Creencias equivocadas cuando buscamos un embarazo.

“El que sabe, no puede creer. Y el que cree, no puede saber”.  Ernest Bornemann.

Cuando una pareja decide tener un hijo se enfrenta a una serie de mitos y creencias equivocadas que dificultan esta etapa. Estas creencias tienen graves consecuencias sobre el bienestar y la salud psicológica y emocional de la pareja. Las creencias tienen un papel muy importante en nuestras vidas. Son pensamientos que asumimos como verdaderos, que guían nuestro comportamientos y nos explican el mundo. En definitiva, son ideas que asumimos como verdaderas y nos ayudan a interpretar la realidad que nos rodea.

Ahora bien, ¿qué ocurre cuando creemos en cosas equivocadas?, ¿qué pasa cuando estas creencias giran en torno a un tema tan importante como la búsqueda de un hijo?

Ajustar nuestras creencias a la realidad nos ayudará a disfrutar de esta etapa tan importante. A continuación listamos algunas de ellas:

  1. Quedarse embarazada es altamente probable cuando no utilizamos medidas de contracepción.

La edad fértil de la mujer se sitúa entre la pubertud y la menopausia.  A medida que la mujer envejece la fertilidad disminuye debido a una serie de cambios normales que se producen en los ovarios y que están relacionados con la edad. Una mujer nace con aproximadamente un millón de folículos. Cuando llega a la pubertad este número habrá disminuido hasta aproximadamente 300,000. Y de estos, solo 300 podrán ser ovulados durante los años reproductivos. El resto se pierde de forma natural independientemente de que la mujer tenga un ciclo menstrual normal, utilice métodos anticonceptivos o reciba tratamientos de infertilidad.

Si a estos 300 folículos le sumamos que antes de los 35 años la probabilidad de quedar embarazada en cada ciclo menstrual oscila entre un 20 y un 25%. Solo entre 20 y 25 mujeres de cada 100 consiguen un embarazo en un ciclo y esta probabilidad desciende a partir de los 35 años llegando a ser solo de un 5% cuando cumplimos 40.

Por tanto, quedarse embarazada el primer mes es poco probable. ¿Puede pasar? Por supuesto.
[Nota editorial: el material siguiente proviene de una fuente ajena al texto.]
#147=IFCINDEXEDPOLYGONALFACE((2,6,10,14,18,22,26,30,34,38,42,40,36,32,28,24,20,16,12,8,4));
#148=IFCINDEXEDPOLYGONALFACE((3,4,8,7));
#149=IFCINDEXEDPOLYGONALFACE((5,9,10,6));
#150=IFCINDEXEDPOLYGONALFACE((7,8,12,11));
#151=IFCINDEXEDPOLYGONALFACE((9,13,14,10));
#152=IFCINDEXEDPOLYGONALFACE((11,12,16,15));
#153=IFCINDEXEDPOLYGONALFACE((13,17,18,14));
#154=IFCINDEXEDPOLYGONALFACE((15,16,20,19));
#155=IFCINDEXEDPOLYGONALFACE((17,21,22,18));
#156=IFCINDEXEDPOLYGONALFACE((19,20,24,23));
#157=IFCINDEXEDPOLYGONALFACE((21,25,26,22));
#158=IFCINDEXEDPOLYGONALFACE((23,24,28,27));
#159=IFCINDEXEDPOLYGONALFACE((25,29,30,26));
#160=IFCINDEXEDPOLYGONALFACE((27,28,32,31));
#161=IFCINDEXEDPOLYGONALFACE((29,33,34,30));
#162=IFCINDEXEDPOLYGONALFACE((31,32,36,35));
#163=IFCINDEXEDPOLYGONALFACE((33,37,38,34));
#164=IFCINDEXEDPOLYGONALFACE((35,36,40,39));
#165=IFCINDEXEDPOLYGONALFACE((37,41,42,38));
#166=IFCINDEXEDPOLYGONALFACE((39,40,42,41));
También puedes tirar un dado de 5 caras y que te salga un tres a la primera, o barajar cuatro cartas con palos distintos y que al elegir una te salga la espada a la primera. Pero no es lo más probable. Lo probable (75-80% de probabilidad) es que te salga cualquier número antes que el tres, o cualquier palo antes que la espada.

Lo que si suele pasar es que una pareja sana, en edad reproductiva tarde 12 meses en lograr un embarazo. Y durante esos 12 meses se enfrenten a un duro silencio que se vivencia como un fracaso mes a mes. El tabú que engloba este hecho provoca que los integrantes de la pareja se priven de apoyo social y familiar durante este tiempo sufriendo en silencio que no son capaces de concebir un hijo. Y la realidad es que lo que viven es lo normal, 75 parejas de cada 100 pasan por lo mismo en cada ciclo menstrual.
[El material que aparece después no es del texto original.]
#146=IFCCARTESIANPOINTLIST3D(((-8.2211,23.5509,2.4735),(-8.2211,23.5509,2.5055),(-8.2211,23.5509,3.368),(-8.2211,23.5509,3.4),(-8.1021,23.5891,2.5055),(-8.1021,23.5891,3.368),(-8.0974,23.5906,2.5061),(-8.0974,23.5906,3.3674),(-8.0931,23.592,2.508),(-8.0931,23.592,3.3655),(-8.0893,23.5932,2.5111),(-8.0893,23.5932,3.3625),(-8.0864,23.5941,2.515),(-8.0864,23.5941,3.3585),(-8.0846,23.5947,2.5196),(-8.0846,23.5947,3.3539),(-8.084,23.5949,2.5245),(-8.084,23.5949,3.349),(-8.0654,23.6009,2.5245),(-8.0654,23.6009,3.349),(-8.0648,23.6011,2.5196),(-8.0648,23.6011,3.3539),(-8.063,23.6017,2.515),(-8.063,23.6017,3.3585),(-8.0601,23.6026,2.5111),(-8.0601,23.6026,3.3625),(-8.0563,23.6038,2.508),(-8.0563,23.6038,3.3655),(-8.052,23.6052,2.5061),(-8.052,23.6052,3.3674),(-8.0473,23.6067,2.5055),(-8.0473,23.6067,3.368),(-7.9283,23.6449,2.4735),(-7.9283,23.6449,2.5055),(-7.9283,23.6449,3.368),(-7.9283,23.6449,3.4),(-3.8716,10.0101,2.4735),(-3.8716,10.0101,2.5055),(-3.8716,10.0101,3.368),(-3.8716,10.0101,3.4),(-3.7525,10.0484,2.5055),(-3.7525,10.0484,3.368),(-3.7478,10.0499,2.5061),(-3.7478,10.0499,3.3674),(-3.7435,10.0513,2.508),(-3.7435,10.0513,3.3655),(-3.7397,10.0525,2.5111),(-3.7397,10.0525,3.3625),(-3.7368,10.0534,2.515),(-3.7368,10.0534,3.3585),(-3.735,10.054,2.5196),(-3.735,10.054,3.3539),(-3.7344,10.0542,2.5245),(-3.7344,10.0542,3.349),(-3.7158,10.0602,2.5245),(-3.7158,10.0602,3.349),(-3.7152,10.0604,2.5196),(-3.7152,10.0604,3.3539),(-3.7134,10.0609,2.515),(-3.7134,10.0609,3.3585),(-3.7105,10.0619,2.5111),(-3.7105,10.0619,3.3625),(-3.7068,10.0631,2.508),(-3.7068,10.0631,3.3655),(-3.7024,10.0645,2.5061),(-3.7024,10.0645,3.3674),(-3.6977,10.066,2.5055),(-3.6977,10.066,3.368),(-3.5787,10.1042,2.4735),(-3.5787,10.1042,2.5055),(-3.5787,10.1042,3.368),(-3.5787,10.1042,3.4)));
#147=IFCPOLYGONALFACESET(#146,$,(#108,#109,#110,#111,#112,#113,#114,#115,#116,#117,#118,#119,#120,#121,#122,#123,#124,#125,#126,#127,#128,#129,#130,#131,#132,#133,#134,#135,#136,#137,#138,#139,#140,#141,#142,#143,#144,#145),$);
  1. Buscar un embarazo es estar pendiente de cuando te va a venir la regla, calcular los días fértiles, medir la temperatura basal y un largo etcétera.
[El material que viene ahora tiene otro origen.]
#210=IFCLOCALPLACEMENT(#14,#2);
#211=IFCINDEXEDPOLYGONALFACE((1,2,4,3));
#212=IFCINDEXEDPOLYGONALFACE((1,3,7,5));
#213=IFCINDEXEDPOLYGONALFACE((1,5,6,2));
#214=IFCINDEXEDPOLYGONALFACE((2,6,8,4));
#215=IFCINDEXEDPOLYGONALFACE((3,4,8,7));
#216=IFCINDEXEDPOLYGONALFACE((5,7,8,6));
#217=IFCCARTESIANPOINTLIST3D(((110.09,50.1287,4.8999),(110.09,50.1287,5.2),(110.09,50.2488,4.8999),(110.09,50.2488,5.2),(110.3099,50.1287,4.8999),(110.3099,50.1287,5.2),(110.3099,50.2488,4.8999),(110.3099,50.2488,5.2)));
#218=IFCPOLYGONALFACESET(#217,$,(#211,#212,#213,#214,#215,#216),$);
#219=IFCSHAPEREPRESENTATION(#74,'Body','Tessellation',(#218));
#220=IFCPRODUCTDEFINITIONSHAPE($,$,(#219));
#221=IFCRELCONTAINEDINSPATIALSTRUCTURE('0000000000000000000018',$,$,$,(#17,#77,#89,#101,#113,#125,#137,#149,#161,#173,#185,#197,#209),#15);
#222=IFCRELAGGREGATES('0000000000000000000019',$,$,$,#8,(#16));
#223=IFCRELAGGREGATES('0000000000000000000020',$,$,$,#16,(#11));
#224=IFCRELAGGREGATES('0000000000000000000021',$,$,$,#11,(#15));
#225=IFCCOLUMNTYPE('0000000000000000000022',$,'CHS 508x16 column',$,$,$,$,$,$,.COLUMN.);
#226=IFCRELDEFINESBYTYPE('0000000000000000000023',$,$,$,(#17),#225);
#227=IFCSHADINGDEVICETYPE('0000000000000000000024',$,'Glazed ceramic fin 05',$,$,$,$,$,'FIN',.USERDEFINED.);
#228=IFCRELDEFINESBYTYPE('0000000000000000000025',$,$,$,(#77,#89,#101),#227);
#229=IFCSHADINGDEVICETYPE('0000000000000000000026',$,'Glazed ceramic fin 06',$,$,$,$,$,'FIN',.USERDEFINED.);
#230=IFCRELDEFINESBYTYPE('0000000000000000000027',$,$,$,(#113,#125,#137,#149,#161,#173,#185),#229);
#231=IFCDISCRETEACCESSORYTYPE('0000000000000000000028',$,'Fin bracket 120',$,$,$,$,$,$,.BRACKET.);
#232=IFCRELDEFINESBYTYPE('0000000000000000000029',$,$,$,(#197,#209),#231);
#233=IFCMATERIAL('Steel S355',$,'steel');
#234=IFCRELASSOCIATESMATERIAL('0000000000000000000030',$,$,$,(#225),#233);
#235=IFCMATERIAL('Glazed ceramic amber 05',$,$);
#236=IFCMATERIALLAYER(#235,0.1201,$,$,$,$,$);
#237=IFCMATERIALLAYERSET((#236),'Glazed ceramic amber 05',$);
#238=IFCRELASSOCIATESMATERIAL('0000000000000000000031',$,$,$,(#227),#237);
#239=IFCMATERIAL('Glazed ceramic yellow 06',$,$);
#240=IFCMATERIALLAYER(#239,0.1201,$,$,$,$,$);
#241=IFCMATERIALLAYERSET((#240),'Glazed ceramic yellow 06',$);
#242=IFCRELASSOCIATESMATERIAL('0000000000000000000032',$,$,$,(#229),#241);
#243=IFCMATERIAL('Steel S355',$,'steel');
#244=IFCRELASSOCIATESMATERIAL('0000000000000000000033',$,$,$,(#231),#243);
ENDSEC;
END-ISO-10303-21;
Muchas veces escuchamos decir: “no lo estábamos buscando, vino solo”, “de repente me di cuenta de que hacía días que no tenía la regla” o “nosotros no pensábamos en tener hijos”.  A parte de la irresponsabilidad que supone el no tomar medidas anticonceptivas si no quieres tener niños, la confusión relacionada con el término de “búsqueda de embarazo” complica aún más las cosas para aquellas parejas que desean tener hijos. Muchos personas de nuestro entorno quieren creer que se quedaron en cinta el primer mes, pero tal vez fue así. Lo que todas estas parejas no saben es que el día en el que él dejó de usar preservativo o ella dejó de tomar la píldora o se quitó el DIU, fue el día en que empezaron a buscar. Desde ese momento se cuenta lo que tardaron en conseguirlo. Las investigaciones y artículos relacionados con este tema calculan la probabilidades de éxito desde el momento en que la pareja dejó de tomar medidas anticonceptivas. Aunque el acto de buscar que es empezar a hacer todo lo posible, como por ejemplo calcular los días fértiles o programar las relaciones sexuales, empiece meses más tarde. Una cosa es el acto de buscar según la RAE (hacer todo lo posible por encontrar algo) y otra cosa es la probabilidad de quedar embarazada una vez dejamos de usar métodos anticonceptivos.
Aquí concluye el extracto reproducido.